ScriptCraft: Building cool things using Javascript in Minecraft - dpearson
http://walterhiggins.net/blog/ScriptCraft

======
neumann_alfred
Considering how much of Minecraft can be about grinding for resources or MCMMO
levels... imagine being able to script the player, or even being allowed "bot
teammates" you can script! Since that part of it could run on _just_ the
client (minus small interface stuff on the server for clients to request basic
info and send player input), you could go all out with as much advanced AI as
you can muster, without draining the server of any resources... while having a
bunch of minions that gather resources, fight, explore and/or build (if you
have the spare processing power/memory and the scripts.. so I guess it would
be dominated by people who have many crazy fast machines and mad coding
skills.. but I'd still love derping around in it, too. There's always robbing
those bots manually haha..).

Apart from these bots acting on their own, players could send commands to bots
via private message or towny/faction chat. Oh, and speaking of towny and
factions, or any sort of teams reallly: what if this sort of "Minecraft Robot
Wars" competition was set up so there'd be a few human players, with each
having their bots who know their owners, but otherwise nobody knowing who is a
player or a bot, and who is on what side... ?!

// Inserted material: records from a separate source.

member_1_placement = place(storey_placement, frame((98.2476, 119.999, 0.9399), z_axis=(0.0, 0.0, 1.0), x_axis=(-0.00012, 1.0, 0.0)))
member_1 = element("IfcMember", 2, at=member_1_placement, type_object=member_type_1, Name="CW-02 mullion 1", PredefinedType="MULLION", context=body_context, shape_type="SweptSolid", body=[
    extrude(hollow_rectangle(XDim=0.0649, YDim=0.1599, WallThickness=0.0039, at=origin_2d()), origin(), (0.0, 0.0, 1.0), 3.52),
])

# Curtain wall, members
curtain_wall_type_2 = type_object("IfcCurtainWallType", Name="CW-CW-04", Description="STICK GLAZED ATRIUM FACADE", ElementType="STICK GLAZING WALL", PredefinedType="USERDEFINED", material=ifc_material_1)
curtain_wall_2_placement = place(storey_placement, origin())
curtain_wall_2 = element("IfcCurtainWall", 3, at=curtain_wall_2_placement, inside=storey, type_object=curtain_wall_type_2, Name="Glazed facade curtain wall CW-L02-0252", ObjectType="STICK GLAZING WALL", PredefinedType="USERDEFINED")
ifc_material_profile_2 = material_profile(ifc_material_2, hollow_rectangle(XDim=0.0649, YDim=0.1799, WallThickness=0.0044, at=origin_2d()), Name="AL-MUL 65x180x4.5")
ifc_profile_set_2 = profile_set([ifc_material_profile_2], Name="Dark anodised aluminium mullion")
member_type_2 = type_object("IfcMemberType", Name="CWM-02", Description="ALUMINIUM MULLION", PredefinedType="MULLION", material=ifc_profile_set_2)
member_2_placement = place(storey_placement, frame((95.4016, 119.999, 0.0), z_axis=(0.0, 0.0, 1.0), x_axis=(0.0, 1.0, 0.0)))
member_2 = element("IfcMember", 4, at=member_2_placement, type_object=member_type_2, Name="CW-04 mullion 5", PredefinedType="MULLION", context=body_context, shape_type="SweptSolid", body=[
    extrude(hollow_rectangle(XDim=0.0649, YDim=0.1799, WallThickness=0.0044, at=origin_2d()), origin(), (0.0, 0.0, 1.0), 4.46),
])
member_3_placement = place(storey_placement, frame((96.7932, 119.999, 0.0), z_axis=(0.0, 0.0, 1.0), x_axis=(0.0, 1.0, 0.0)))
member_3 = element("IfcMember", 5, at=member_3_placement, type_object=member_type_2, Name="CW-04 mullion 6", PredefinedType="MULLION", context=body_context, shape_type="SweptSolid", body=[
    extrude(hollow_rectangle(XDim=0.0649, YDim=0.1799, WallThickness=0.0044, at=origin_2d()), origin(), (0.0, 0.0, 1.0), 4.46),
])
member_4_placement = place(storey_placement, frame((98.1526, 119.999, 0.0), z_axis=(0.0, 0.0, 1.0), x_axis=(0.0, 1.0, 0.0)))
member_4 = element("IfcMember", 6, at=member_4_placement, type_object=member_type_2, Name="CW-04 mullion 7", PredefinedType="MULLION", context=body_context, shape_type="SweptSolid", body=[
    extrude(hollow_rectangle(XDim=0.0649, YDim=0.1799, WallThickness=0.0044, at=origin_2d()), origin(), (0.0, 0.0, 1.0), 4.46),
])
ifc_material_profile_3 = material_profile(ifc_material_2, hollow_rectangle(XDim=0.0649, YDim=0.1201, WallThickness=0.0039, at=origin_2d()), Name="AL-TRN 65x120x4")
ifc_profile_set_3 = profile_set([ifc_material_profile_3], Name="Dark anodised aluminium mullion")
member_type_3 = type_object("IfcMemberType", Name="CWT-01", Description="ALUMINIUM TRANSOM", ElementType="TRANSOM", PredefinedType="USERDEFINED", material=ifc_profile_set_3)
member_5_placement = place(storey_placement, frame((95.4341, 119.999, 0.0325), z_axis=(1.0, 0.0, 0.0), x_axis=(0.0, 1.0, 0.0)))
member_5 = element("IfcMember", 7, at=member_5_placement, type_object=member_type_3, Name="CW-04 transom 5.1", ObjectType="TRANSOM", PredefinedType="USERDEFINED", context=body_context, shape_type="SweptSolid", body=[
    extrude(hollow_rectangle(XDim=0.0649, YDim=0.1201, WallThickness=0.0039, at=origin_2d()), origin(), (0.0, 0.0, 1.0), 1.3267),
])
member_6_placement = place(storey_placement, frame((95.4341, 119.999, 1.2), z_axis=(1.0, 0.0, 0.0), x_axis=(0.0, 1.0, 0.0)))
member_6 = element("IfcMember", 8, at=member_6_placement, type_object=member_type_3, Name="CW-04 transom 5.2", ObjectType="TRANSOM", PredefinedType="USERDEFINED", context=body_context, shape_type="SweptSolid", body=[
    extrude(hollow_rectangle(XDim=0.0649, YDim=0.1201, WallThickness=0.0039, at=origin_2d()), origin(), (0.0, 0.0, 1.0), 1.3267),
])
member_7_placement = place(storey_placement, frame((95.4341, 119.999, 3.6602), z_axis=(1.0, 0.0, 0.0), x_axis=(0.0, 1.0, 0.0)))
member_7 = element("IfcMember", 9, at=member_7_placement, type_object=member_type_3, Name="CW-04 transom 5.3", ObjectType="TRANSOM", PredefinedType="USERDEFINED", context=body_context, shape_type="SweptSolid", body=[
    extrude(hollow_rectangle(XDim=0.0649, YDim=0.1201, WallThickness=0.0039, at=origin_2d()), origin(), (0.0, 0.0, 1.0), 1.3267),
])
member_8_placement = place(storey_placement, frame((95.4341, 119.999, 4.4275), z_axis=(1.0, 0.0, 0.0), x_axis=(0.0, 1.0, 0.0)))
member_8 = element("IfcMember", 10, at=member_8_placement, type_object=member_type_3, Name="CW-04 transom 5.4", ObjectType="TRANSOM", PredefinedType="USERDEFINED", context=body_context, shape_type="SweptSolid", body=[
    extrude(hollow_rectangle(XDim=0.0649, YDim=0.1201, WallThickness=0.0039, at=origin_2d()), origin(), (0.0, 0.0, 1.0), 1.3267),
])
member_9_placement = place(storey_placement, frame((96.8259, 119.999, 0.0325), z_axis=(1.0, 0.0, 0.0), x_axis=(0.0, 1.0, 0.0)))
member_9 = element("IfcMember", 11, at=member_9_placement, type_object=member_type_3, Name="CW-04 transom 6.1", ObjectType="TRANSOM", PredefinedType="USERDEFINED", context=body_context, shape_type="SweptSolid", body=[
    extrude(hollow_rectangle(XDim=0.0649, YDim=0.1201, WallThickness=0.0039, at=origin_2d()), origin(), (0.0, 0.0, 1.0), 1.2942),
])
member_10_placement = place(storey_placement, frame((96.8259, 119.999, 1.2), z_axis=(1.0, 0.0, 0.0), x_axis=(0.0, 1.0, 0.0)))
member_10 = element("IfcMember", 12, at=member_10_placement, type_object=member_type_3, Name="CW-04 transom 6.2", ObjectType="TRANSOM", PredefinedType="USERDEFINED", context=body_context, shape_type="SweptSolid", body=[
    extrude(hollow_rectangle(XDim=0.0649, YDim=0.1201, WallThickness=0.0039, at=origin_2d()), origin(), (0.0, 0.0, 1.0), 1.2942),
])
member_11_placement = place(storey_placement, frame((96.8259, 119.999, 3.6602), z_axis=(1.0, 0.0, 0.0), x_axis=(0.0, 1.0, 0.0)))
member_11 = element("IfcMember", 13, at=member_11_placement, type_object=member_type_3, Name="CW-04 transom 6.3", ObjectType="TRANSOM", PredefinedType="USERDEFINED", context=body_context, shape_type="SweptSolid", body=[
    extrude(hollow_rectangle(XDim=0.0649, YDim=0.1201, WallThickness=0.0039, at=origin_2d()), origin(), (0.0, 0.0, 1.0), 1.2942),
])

So you could e.g. either all join up in one town/faction and give your
alliance away for more efficiency/power, or split up and try to play all sorts
of diplomatic games via chat and actions, and try to deceive bots/people long
and short term. Minecraft online is so much about trust, I never played
another game that came close; and while that can be very frustrating and petty
with humans, it seems _hilarious_ to try to code bots that act real or
otherwise deceive ^^ Especially if everybody knows that it's the goal of the
game.

Please, nobody make this happen, this would destroy my life. Even just
thinking about the possibilities is addicting haha.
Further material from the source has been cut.